But the point is that it (and all of them) has set an Error Workflow to report an error, and a timeout to avoid it to be running forever.

The point here is that the timeout mechanism isn't working well.

That's why I've asked instructions to do some test.

(Note: this is not affecting to my overall tasks. I've taken some countermeasure actions having in mind this issue.)

pablorq avatar Nov 30 '23 21:11 pablorq

Hey @pablorq,

If you open one of the workflows and try to cancel it what happens do you get the same message about it not being possible?

Can you also check in your database to see if the database is still showing the execution as running? Something like select * from execution_entity where id = 6684; would show one of them.

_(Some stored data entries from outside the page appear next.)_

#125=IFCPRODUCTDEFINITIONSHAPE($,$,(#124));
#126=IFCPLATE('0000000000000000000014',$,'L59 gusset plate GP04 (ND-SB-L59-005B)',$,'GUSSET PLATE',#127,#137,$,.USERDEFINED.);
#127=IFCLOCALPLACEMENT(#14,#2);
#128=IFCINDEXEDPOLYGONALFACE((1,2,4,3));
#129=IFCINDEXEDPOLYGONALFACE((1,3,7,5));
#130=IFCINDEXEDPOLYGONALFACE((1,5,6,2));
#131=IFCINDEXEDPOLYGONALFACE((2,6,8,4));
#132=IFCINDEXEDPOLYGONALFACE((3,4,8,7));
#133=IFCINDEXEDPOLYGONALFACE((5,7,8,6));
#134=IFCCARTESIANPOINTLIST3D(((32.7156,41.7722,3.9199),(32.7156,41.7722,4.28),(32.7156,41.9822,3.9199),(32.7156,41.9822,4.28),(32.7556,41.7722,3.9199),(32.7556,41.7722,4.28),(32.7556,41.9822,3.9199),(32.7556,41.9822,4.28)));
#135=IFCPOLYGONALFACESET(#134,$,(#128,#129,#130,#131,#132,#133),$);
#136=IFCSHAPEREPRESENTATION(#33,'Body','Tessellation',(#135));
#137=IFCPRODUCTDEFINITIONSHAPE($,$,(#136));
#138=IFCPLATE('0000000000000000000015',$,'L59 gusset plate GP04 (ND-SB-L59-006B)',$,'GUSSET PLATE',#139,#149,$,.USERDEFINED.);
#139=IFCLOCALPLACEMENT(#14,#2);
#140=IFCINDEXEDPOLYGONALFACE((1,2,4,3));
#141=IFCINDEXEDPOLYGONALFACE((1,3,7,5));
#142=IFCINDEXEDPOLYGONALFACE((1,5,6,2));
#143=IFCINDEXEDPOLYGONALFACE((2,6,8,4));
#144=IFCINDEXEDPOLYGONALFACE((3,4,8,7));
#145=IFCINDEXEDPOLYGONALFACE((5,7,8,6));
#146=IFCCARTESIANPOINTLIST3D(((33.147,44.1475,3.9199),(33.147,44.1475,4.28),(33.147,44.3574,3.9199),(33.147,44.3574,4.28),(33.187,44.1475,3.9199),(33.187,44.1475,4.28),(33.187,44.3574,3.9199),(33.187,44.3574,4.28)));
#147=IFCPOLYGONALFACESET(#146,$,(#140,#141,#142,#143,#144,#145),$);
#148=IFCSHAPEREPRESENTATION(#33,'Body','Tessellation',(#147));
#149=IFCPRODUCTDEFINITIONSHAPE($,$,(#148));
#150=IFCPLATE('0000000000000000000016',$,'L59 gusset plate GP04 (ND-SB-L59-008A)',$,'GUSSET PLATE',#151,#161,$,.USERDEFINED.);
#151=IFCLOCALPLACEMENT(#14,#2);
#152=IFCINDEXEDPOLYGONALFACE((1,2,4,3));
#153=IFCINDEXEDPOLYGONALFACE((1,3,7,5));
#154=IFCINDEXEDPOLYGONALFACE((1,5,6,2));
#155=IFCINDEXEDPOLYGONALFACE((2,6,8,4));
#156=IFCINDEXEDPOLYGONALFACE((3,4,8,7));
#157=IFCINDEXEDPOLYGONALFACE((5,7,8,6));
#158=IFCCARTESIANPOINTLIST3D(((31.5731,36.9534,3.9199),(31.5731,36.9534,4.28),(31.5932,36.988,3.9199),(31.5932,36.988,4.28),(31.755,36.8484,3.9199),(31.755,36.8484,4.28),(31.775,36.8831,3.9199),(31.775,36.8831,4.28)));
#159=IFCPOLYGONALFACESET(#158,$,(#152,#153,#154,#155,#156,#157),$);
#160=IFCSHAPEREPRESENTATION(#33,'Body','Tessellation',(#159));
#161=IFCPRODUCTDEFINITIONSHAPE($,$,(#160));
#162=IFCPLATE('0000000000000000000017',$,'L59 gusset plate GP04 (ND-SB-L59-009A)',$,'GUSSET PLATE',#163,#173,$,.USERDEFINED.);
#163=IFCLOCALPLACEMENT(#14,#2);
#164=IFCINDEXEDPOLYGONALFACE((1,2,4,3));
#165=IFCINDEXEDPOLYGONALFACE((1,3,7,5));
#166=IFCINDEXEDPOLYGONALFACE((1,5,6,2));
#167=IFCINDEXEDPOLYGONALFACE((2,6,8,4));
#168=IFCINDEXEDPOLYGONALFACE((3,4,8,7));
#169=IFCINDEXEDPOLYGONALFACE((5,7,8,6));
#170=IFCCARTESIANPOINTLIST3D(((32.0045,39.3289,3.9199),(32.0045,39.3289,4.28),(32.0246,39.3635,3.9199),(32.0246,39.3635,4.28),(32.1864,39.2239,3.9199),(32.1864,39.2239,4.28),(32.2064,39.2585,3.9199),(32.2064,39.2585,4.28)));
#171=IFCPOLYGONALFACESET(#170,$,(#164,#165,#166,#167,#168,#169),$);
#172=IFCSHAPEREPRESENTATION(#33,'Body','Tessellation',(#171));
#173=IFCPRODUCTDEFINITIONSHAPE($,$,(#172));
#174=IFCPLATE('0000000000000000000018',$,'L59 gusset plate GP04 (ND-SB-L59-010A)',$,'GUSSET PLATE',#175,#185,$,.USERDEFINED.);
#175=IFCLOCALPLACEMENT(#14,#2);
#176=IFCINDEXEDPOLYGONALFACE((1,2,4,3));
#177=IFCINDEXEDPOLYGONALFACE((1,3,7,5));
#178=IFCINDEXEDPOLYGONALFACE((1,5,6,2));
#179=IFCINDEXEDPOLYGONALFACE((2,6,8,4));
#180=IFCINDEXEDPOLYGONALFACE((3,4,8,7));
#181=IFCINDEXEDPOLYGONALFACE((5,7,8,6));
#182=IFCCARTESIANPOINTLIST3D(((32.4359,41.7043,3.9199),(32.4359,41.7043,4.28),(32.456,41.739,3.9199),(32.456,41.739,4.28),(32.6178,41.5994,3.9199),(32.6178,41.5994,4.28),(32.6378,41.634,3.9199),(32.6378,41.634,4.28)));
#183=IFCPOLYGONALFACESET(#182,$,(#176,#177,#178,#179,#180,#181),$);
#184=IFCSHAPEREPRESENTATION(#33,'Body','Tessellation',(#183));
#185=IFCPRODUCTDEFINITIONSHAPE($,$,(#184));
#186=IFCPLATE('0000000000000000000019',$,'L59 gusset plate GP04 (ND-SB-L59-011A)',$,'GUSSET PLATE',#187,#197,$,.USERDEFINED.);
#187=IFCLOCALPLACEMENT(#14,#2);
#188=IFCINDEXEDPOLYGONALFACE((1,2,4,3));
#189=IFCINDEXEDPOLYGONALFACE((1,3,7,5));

Joffcom avatar Dec 01 '23 12:12 Joffcom

This is the status of the 6 of them:


n8n=> select * from execution_entity where id = 6684;
  id  | finished |    mode    | retryOf | retrySuccessId |         startedAt         | stoppedAt | waitTill | status |    workflowId    | deletedAt 
------+----------+------------+---------+----------------+---------------------------+-----------+----------+--------+------------------+-----------
 6684 | f        | integrated |         |                | 2023-11-29 23:49:05.63+00 |           |          | new    | bjGeTJmgkCB2B45l | 
(1 row)

n8n=> select * from execution_entity where id = 6683;
  id  | finished |    mode    | retryOf | retrySuccessId |         startedAt         | stoppedAt | waitTill | status |    workflowId    | deletedAt 
------+----------+------------+---------+----------------+---------------------------+-----------+----------+--------+------------------+-----------
 6683 | f        | integrated |         |                | 2023-11-29 23:49:02.97+00 |           |          | new    | kVViRcmElddbWnvh | 
(1 row)

n8n=> select * from execution_entity where id = 6682;
  id  | finished |  mode   | retryOf | retrySuccessId |         startedAt          | stoppedAt | waitTill | status  |    workflowId    | deletedAt 
------+----------+---------+---------+----------------+----------------------------+-----------+----------+---------+------------------+-----------
 6682 | f        | trigger |         |                | 2023-11-29 23:49:02.942+00 |           |          | running | ikCLxLlGsCGWEwdA | 
(1 row)

n8n=> select * from execution_entity where id = 6665;
  id  | finished |    mode    | retryOf | retrySuccessId |         startedAt          | stoppedAt | waitTill | status |    workflowId    | deletedAt 
------+----------+------------+---------+----------------+----------------------------+-----------+----------+--------+------------------+-----------
 6665 | f        | integrated |         |                | 2023-11-29 20:40:07.133+00 |           |          | new    | bjGeTJmgkCB2B45l | 
(1 row)

n8n=> select * from execution_entity where id = 6664;
  id  | finished |    mode    | retryOf | retrySuccessId |         startedAt          | stoppedAt | waitTill | status |    workflowId    | deletedAt 
------+----------+------------+---------+----------------+----------------------------+-----------+----------+--------+------------------+-----------
 6664 | f        | integrated |         |                | 2023-11-29 20:40:03.071+00 |           |          | new    | kVViRcmElddbWnvh | 
(1 row)

n8n=> select * from execution_entity where id = 6663;
  id  | finished |  mode   | retryOf | retrySuccessId |         startedAt          | stoppedAt | waitTill | status  |    workflowId    | deletedAt 
------+----------+---------+---------+----------------+----------------------------+-----------+----------+---------+------------------+-----------
 6663 | f        | trigger |         |                | 2023-11-29 20:40:03.045+00 |           |          | running | ikCLxLlGsCGWEwdA | 
(1 row)

I did this video for trying to stop the workflows: Screencast from 2023-12-01 15-25-52.webm

In the video you can see the "Problem stopping execution" warning. vlcsnap-2023-12-01-15h30m37s095

After trying to stop them, I've checked the DB and everything is still the same.

Any other test?

pablorq avatar Dec 01 '23 14:12 pablorq

Hey @pablorq,

It looks like the job has not been started yet, That is very odd. I was sure that we had fixed this recently as well 🤔 Can you go up to 1.18.1 and enable debug logging?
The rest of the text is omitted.